Assuming you can't declare methods of a class across multiple headers (and you are pretty darn sure you can't), what are the other options that support a clean divide between 'middleware/engine/library' and 'application', you wonder?
My only question to you is, "does your added functionality need to be a member function, or can it be a free function?" If what you want to do can be solved using the class's existing interface, then the only difference is the syntax, and you should use a free function (if you think that's "ugly", then... suck it up and move on, C++ wasn't designed for monkeypatching).
If you're trying to get at the internal guts of the class, it may be a sign that the original class is lacking in flexibility (it doesn't expose enough information for you to do what you want from the public interface). If that's the case, maybe the original class can be "completed", and you're back to putting a free function on top of it.

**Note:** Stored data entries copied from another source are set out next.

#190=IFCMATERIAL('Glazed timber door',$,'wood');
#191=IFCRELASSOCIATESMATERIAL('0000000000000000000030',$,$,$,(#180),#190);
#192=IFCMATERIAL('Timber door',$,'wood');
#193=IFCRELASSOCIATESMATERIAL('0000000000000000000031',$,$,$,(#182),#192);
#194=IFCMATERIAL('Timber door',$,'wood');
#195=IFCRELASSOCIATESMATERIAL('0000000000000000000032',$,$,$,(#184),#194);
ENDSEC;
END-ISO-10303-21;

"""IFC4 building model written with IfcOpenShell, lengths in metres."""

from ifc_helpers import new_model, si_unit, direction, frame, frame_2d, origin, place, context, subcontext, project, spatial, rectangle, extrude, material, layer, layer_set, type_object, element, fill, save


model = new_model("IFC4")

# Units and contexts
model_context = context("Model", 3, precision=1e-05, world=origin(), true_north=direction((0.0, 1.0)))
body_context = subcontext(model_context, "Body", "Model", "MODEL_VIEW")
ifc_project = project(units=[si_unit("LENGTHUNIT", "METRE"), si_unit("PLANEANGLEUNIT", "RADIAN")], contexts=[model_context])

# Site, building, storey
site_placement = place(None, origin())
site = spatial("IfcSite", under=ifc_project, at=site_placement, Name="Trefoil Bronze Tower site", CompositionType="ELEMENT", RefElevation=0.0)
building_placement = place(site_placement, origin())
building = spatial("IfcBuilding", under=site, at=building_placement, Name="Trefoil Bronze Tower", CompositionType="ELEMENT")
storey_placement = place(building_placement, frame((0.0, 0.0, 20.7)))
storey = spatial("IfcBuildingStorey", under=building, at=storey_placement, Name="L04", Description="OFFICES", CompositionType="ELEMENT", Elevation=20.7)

If absolutely none of that will work, and you just must have a member function (e.g. original class provided protected members you want to get at, and you don't have the freedom to modify the original interface)... only then resort to inheritance and member-function implementation.
For an in-depth discussion (and deconstruction of std::string'), check out this Guru of the Week "Monolith" class article.
Sounds like a 'acts upon' relationship, which would not fit in an inheritance (use sparingly!).
One option would be a composition utility class that acts upon a certain instance of the 'Engine' by being instantiated with a pointer to it.
Inheritance (as you pointed out), or
Use a function instead of a method, or
Alter the engine code itself, but isolate and manage the changes using a patch-manager like quilt or Mercurial/MQ
I don't see what's wrong with inheritance in this context though.
If the new method will be implemented using the existing public interface, then arguably it's more object oriented for it to be a separate function rather than a method. At least, Scott Meyers argues that it is.
Why? Because it gives better encapsulation. IIRC the argument goes that the class interface should define things that the object does. Helper-style functions are things that can be done with/to the object, not things that the object must do itself. So they don't belong in the class. If they are in the class, they can unnecessarily access private members and hence widen the hiding of that member and hence the number of lines of code that need to be touched if the private member changes in any way.
Of course if you want to access protected members then you must inherit. If your desired method requires per-instance state, but not access to protected members, then you can either inherit or composite according to taste - the former is usually more concise, but has certain disadvantages if the relationship isn't really "is a".
Sounds like you want Ruby mixins. Not sure there's anything close in C++. I think you have to do the inheritance.
Edit: You might be able to put a friend method in and use it like a mixin, but I think you'd start to break your encapsulation in a bad way.
You could do something COM-like, where the base class supports a QueryInterface() method which lets you ask for an interface that has that method on it. This is fairly trivial to implement in C++, you don't need COM per se.
You could also "pretend" to be a more dynamic language and have an array of callbacks as "methods" and gin up a way to call them using templates or macros and pushing 'this' onto the stack before the rest of the parameters. But it would be insane :)
Or Categories in Objective C.
There are conceptual approaches to extending class architectures (not single classes) in C++, but it's not a casual act, and requires planning ahead of time. Sorry.
Sounds like a classic inheritance problem to me. Except I would drop the code in an "Engine Enhancements" directory & include that concept in your architecture.